Steal:やはりFaker選手です。ずっと第一線で高いパフォーマンスを維持しているのは本当にすごいです。
もちろんうまくいかない時期もありましたが、そういうときこそ努力して自分を鍛え、再びカムバックして高いパフォーマンスを見せるのは、なかなかできることではないと思います。本当に素晴らしい方です。
Stealのジャングル哲学
LoL忍者:おっしゃる通りだと思います。さて、話題を変えて。Stealさんがジャングラーとしてプレイしている時に、一番大切にしている考えは何でしょうか。
Steal:僕が常に意識していたのは、やはり味方の状況をよく見て把握することです。
そもそも、ジャングラーというのは味方全体を調整する役割だと思っています。ですから、味方のレーン状況が今どうなっているのかをよく把握するようにしています。
LoL忍者:対面のジャングラーとの勝負という側面もあると思うのですが、そのあたりはどのように考えていらっしゃいますか。
Steal:ジャングラー同士の勝負は、ある意味1対1の勝負ではなく、味方をどこまでうまく活用するかの勝負だと言えると思います。
もちろん1対1の勝ち負けもあると思いますが、それよりも味方を上手にコントロールし、活躍してもらう。そうすれば、1対1で不利な状況を変えることもできますからね。
LoL忍者:なるほど。全体の指揮者として、味方に上手に動いてもらうような状況を作るということですね。
Steal:そうですね。味方を育てることもできますし、自分が育つために味方のレーンを優勢にしてすぐに寄ってもらうようにすることもできます。ただ、これはソロキューとは少し異なる考え方だとは思いますが。
LoL忍者:ソロキューの初心者ジャングラーは、どのような考えを大切にすると良いと思いますか。
Steal:ソロキューの初心者ジャングラーの場合ですと、まったく逆のことを言うようですが、あまり味方に流されないことが大切ですね。全部のレーンの言うことを聞いていたら、頭がバグりますから(笑)
味方の状況を把握しつつも、ある意味マイペースでゲームを進めていけると良いと思います。

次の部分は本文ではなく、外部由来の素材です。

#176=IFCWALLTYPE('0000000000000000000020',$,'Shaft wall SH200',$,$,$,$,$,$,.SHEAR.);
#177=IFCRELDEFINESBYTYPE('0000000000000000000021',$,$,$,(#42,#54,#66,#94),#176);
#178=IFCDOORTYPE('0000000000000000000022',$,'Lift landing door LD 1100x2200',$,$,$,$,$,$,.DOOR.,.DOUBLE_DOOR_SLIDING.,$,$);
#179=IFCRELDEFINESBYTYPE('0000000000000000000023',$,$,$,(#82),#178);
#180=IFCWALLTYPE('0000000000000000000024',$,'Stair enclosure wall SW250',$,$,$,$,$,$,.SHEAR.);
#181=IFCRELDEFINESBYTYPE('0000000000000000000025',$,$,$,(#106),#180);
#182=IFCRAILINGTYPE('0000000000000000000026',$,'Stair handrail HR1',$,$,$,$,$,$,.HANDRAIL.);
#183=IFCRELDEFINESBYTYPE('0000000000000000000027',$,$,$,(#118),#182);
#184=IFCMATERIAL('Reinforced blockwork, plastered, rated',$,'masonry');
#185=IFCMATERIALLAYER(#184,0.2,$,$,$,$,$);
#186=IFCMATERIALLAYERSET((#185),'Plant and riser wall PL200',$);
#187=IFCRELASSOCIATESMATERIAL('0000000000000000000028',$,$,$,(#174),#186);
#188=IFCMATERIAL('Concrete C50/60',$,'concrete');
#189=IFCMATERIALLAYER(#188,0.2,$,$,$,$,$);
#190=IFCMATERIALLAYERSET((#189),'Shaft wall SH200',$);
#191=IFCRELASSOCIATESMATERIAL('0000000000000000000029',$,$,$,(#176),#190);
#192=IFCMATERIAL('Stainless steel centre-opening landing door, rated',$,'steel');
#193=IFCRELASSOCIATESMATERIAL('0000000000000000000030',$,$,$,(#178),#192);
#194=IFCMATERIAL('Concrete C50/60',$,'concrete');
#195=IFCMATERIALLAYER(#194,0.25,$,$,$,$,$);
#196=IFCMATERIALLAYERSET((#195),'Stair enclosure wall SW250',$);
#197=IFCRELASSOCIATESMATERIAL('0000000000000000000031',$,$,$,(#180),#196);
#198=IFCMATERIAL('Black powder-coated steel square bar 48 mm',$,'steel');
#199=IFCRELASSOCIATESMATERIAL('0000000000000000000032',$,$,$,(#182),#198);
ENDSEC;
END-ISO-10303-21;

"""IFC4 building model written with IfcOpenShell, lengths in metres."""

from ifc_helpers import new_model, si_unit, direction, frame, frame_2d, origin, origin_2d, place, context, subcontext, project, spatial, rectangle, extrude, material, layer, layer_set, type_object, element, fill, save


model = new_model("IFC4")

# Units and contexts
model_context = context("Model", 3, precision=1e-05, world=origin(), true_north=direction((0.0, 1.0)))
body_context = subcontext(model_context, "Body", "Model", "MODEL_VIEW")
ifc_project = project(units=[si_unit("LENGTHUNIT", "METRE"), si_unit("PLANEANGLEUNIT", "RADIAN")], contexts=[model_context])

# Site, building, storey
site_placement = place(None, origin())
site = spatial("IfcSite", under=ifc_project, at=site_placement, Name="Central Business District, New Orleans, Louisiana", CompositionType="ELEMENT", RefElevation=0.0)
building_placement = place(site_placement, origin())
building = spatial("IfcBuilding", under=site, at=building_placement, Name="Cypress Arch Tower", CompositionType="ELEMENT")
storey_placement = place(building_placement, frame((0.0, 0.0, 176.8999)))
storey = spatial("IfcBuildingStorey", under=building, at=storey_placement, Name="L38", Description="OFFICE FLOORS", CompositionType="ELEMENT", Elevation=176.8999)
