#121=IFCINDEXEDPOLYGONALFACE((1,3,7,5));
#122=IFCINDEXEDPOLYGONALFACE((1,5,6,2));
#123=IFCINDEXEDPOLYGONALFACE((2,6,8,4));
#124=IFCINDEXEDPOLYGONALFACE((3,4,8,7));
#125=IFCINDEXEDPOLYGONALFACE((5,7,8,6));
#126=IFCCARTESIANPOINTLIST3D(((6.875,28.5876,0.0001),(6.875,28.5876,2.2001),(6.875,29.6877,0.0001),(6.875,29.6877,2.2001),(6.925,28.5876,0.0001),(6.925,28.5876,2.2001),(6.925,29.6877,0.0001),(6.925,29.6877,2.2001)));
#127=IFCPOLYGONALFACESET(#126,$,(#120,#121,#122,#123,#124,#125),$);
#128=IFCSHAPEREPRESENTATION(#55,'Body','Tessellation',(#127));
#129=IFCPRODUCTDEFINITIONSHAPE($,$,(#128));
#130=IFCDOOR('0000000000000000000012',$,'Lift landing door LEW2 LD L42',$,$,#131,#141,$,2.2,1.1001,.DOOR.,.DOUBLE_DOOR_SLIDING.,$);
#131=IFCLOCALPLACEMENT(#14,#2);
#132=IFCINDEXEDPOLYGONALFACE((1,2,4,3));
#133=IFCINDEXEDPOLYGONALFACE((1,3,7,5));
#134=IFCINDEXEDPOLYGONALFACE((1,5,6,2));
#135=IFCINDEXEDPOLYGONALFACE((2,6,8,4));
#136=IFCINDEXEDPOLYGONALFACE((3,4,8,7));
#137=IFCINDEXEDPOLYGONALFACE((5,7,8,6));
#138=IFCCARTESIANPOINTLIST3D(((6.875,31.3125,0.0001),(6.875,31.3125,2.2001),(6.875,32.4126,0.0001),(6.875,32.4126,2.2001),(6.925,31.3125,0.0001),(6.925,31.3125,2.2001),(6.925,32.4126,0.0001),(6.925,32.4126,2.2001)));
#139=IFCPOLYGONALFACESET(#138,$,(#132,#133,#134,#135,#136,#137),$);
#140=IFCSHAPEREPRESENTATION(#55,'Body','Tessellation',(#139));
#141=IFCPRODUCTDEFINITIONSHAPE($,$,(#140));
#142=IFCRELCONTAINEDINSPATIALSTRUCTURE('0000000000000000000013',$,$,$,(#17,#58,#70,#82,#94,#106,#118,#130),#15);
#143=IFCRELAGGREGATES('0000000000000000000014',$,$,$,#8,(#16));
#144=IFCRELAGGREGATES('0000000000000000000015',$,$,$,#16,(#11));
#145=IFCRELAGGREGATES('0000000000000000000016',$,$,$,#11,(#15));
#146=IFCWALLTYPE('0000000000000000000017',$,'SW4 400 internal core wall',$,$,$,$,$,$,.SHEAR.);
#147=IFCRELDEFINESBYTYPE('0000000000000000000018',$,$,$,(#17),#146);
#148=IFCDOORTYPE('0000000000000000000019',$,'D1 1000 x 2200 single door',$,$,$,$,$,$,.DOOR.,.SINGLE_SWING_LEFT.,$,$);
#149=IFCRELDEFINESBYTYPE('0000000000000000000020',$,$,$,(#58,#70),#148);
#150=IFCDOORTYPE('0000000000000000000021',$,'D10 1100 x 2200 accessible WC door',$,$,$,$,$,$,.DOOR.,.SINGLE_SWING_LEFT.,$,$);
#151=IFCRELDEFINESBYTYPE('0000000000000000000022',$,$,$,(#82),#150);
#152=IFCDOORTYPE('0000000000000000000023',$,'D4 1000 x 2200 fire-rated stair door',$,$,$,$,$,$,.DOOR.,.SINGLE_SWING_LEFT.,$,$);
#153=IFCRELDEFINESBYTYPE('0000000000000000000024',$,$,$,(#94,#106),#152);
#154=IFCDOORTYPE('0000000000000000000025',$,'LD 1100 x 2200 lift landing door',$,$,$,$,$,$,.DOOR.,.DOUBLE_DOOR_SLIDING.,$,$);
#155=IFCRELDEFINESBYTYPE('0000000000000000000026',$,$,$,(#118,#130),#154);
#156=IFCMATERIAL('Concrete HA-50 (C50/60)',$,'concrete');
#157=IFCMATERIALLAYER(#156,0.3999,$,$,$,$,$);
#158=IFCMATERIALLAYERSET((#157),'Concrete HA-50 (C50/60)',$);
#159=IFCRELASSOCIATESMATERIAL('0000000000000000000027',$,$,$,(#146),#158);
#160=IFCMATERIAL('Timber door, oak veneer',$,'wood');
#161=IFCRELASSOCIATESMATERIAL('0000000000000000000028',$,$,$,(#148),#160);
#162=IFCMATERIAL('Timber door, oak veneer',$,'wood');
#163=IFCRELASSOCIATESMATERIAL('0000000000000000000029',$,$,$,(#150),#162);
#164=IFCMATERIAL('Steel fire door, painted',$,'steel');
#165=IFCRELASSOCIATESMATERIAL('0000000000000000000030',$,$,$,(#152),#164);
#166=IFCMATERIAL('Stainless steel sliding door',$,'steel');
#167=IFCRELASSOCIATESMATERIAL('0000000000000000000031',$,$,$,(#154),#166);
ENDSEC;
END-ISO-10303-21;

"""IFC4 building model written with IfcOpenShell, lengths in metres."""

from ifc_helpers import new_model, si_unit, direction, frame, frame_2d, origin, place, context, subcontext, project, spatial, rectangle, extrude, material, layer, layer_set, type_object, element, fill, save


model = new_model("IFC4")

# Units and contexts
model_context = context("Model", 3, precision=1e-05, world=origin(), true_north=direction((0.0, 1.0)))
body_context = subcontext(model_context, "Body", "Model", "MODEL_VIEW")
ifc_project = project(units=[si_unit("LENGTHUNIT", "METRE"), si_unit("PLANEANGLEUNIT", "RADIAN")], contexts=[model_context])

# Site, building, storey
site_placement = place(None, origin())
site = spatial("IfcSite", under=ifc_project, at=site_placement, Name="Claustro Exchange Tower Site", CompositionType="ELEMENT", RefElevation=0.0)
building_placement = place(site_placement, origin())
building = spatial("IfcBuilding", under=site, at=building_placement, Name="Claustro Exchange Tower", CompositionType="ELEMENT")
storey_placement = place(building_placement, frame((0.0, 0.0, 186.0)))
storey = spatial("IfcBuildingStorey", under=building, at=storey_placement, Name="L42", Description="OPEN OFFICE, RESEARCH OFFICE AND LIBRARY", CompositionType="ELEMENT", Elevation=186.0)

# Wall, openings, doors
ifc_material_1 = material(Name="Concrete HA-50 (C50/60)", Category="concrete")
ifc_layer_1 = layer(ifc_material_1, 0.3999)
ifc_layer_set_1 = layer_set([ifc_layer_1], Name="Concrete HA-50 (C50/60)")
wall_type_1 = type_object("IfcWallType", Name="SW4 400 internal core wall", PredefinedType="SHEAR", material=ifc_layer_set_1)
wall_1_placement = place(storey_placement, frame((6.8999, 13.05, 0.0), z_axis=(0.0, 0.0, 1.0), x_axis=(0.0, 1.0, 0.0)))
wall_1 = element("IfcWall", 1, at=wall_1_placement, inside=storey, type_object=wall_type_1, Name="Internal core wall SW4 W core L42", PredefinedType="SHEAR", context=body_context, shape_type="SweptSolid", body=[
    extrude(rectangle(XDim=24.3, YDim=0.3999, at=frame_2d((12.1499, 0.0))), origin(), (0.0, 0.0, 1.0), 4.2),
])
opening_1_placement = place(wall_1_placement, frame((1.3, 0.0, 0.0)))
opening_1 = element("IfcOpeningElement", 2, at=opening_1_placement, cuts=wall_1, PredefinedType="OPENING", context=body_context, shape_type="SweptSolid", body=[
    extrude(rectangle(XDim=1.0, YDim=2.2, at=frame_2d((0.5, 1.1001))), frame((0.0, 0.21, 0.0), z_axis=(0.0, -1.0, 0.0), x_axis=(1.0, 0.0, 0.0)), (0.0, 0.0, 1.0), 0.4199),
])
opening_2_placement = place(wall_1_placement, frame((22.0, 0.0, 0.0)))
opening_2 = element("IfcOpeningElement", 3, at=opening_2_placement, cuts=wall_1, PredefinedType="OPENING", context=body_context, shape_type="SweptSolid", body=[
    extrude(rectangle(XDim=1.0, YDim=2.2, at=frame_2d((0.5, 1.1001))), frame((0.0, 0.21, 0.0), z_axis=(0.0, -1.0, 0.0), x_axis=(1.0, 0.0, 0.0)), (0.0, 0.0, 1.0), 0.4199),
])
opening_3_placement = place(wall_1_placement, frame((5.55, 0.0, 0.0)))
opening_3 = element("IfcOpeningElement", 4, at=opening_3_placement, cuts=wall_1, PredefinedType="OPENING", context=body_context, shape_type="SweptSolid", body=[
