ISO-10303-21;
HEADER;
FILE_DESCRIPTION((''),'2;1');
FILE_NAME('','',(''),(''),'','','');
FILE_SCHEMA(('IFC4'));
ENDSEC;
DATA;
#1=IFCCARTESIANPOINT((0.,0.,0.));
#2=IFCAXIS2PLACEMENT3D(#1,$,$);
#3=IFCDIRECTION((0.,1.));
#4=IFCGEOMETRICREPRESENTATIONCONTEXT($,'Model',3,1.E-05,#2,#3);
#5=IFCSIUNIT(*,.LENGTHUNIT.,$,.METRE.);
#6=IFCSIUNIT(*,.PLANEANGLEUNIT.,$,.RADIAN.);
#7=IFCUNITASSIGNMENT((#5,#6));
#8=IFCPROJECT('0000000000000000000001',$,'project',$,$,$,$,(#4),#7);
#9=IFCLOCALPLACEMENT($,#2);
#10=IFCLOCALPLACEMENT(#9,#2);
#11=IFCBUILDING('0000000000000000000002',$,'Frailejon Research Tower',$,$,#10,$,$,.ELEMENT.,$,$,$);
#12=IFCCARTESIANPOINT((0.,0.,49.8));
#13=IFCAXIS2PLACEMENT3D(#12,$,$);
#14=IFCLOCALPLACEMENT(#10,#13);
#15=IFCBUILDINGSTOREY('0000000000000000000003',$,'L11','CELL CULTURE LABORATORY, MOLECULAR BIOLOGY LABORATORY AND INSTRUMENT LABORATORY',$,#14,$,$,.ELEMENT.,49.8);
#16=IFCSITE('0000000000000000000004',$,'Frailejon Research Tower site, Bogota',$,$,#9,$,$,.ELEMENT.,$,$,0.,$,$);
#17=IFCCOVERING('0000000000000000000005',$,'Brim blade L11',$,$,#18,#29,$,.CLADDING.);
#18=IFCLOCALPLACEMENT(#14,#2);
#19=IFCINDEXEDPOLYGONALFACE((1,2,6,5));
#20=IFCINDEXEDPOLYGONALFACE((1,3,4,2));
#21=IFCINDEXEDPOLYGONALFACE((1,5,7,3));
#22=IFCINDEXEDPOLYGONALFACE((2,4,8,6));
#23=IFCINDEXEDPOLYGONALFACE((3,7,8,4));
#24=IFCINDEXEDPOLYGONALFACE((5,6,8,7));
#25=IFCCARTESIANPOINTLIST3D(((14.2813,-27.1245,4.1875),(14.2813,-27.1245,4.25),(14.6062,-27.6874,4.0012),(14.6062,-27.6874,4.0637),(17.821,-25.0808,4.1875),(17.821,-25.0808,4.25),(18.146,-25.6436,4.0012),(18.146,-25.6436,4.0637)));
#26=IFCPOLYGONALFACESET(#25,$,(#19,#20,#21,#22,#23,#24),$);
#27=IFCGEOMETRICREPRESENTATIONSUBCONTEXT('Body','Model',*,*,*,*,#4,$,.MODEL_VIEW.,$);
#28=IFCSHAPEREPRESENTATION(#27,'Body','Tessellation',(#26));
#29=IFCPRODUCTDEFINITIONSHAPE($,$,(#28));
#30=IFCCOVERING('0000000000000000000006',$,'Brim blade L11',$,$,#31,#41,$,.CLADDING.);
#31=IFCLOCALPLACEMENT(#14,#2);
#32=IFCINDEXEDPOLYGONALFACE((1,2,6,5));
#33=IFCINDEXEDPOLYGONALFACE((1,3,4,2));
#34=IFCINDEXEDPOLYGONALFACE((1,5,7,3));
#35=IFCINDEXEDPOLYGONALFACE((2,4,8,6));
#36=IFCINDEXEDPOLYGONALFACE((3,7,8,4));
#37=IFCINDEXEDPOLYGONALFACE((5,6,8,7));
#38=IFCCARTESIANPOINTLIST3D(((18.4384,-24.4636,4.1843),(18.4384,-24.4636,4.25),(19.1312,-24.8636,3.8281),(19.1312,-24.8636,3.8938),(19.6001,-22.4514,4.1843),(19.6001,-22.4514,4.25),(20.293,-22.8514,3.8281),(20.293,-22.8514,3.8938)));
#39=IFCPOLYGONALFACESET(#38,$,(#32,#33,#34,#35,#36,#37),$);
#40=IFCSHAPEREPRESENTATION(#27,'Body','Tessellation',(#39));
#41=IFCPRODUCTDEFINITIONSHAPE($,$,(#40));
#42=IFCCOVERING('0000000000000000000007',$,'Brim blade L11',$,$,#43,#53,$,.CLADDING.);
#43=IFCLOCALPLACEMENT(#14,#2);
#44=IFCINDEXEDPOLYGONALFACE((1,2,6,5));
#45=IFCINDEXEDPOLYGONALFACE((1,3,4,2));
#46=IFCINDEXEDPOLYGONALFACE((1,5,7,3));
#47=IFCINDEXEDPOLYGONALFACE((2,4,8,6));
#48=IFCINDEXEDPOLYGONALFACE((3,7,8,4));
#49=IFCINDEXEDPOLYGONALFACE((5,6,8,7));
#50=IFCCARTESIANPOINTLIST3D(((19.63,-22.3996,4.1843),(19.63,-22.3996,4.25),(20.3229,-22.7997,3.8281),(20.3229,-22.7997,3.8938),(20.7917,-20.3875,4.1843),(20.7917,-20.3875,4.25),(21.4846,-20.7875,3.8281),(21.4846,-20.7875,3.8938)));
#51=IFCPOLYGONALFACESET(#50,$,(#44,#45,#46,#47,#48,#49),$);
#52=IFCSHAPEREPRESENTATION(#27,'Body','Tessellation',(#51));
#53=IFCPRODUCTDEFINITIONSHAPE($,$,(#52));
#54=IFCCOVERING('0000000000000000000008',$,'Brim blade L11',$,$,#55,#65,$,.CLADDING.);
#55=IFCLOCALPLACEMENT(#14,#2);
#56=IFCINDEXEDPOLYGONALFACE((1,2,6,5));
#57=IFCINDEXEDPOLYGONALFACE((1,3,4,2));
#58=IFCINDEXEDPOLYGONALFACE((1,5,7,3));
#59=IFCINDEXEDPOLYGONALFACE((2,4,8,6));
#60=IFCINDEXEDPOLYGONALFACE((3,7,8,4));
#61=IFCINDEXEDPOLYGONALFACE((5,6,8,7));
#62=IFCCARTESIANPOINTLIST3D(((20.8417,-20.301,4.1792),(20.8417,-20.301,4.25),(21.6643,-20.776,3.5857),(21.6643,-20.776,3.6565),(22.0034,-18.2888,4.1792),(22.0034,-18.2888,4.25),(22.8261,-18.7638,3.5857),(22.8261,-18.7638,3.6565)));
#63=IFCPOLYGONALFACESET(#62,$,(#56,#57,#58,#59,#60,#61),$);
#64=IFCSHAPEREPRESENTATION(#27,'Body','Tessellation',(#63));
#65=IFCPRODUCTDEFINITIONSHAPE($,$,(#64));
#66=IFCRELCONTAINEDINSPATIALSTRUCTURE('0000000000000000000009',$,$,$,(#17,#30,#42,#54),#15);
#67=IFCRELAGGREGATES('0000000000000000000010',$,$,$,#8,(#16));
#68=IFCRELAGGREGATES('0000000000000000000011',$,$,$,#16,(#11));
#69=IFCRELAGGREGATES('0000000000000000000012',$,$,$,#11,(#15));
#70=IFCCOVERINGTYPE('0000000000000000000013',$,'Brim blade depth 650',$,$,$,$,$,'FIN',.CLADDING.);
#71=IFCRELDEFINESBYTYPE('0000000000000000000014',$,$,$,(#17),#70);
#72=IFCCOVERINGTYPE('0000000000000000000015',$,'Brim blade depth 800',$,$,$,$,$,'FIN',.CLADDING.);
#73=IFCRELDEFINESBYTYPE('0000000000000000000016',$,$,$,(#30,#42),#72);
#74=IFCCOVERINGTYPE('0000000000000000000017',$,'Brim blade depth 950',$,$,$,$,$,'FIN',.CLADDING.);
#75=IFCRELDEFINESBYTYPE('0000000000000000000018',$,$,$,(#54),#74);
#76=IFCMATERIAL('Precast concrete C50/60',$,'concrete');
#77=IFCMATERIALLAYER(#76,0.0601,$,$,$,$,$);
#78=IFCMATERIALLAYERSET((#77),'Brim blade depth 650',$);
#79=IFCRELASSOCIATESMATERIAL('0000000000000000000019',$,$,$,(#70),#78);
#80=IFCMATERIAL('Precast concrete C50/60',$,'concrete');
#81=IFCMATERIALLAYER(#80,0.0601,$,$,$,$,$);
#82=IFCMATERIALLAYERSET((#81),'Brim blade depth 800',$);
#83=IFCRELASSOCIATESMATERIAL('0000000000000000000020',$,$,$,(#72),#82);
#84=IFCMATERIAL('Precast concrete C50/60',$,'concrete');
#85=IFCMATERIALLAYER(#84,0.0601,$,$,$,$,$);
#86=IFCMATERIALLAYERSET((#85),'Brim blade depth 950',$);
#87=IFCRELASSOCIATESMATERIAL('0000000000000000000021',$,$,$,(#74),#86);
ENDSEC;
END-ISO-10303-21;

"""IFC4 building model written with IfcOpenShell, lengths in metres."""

from ifc_helpers import new_model, si_unit, direction, frame, origin, place, context, subcontext, project, spatial, polyline, outline, extrude, material, layer, layer_set, type_object, element, save


model = new_model("IFC4")

# Units and contexts
model_context = context("Model", 3, precision=1e-05, world=origin(), true_north=direction((0.0, 1.0)))
body_context = subcontext(model_context, "Body", "Model", "MODEL_VIEW")
ifc_project = project(units=[si_unit("LENGTHUNIT", "METRE"), si_unit("PLANEANGLEUNIT", "RADIAN")], contexts=[model_context])

# Site, building, storey
site_placement = place(None, origin())
site = spatial("IfcSite", under=ifc_project, at=site_placement, Name="Frailejon Research Tower site, Bogota", CompositionType="ELEMENT", RefElevation=0.0)
building_placement = place(site_placement, origin())
building = spatial("IfcBuilding", under=site, at=building_placement, Name="Frailejon Research Tower", CompositionType="ELEMENT")
storey_placement = place(building_placement, frame((0.0, 0.0, 49.8)))
storey = spatial("IfcBuildingStorey", under=building, at=storey_placement, Name="L11", Description="CELL CULTURE LABORATORY, MOLECULAR BIOLOGY LABORATORY AND INSTRUMENT LABORATORY", CompositionType="ELEMENT", Elevation=49.8)

# Coverings
ifc_material_1 = material(Name="Precast concrete C50/60", Category="concrete")
ifc_layer_1 = layer(ifc_material_1, 0.0601)
ifc_layer_set_1 = layer_set([ifc_layer_1], Name="Brim blade depth 650")
covering_type_1 = type_object("IfcCoveringType", Name="Brim blade depth 650", ElementType="FIN", PredefinedType="CLADDING", material=ifc_layer_set_1)
covering_1_placement = place(storey_placement, frame((17.821, -25.0808, 4.25), z_axis=(-0.866021, -0.500007, 0.0), x_axis=(0.500007, -0.866021, 0.0)))
element("IfcCovering", 1, at=covering_1_placement, inside=storey, type_object=covering_type_1, Name="Brim blade L11", PredefinedType="CLADDING", context=body_context, shape_type="SweptSolid", body=[
    extrude(outline(polyline([(0.0, -0.0625), (0.6499, -0.2488), (0.6499, -0.1863), (0.0, 0.0), (0.0, -0.0625)])), origin(), (0.0, 0.0, 1.0), 4.0874),
])
ifc_material_2 = material(Name="Precast concrete C50/60", Category="concrete")
ifc_layer_2 = layer(ifc_material_2, 0.0601)
ifc_layer_set_2 = layer_set([ifc_layer_2], Name="Brim blade depth 800")
covering_type_2 = type_object("IfcCoveringType", Name="Brim blade depth 800", ElementType="FIN", PredefinedType="CLADDING", material=ifc_layer_set_2)
for number, where, z_axis, x_axis, name in (
    (2, (19.6001, -22.4514, 4.25), (-0.500001, -0.866025, 0.0), (0.866025, -0.500001, 0.0), "Brim blade L11"),
    (3, (20.7917, -20.3875, 4.25), (-0.500001, -0.866025, 0.0), (0.866025, -0.500001, 0.0), "Brim blade L11"),
):
    element("IfcCovering", number, at=place(storey_placement, frame(where, z_axis=z_axis, x_axis=x_axis)), inside=storey, type_object=covering_type_2, Name=name, PredefinedType="CLADDING", context=body_context, shape_type="SweptSolid", body=[
        extrude(outline(polyline([(0.0, -0.0657), (0.8, -0.4219), (0.8, -0.3562), (0.0, 0.0), (0.0, -0.0657)])), origin(), (0.0, 0.0, 1.0), 2.3235),
    ])
ifc_material_3 = material(Name="Precast concrete C50/60", Category="concrete")
ifc_layer_3 = layer(ifc_material_3, 0.0601)
ifc_layer_set_3 = layer_set([ifc_layer_3], Name="Brim blade depth 950")
covering_type_3 = type_object("IfcCoveringType", Name="Brim blade depth 950", ElementType="FIN", PredefinedType="CLADDING", material=ifc_layer_set_3)
covering_2_placement = place(storey_placement, frame((22.0034, -18.2888, 4.25), z_axis=(-0.50001, -0.86602, 0.0), x_axis=(0.86602, -0.50001, 0.0)))
element("IfcCovering", 4, at=covering_2_placement, inside=storey, type_object=covering_type_3, Name="Brim blade L11", PredefinedType="CLADDING", context=body_context, shape_type="SweptSolid", body=[
    extrude(outline(polyline([(0.0, -0.0708), (0.95, -0.6643), (0.95, -0.5935), (0.0, 0.0), (0.0, -0.0708)])), origin(), (0.0, 0.0, 1.0), 2.3235),
])

save(model, "model.ifc")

LoL忍者:初心者おすすめのジャングラーは何でしょうか。
Steal:今のメタですと、アムムなどが良いのではないでしょうか。初心者の方は、できるだけ操作が簡単なチャンピオンを選ぶと良いと思います。そうするとファーム中でも心に余裕が生まれて、全体を把握することに繋げられます。
これがリー・シンやヴィエゴなどになると、ファームするのにも手元を見ていなければいけないので、全体を把握する余裕がなかなか生まれないと思います。
LoL忍者:やはりジャングラーは全体を把握することが大切なのですね。Stealさんといえばノクターンなどが思い浮かびますが、同様の理由でピックしていたのでしょうか。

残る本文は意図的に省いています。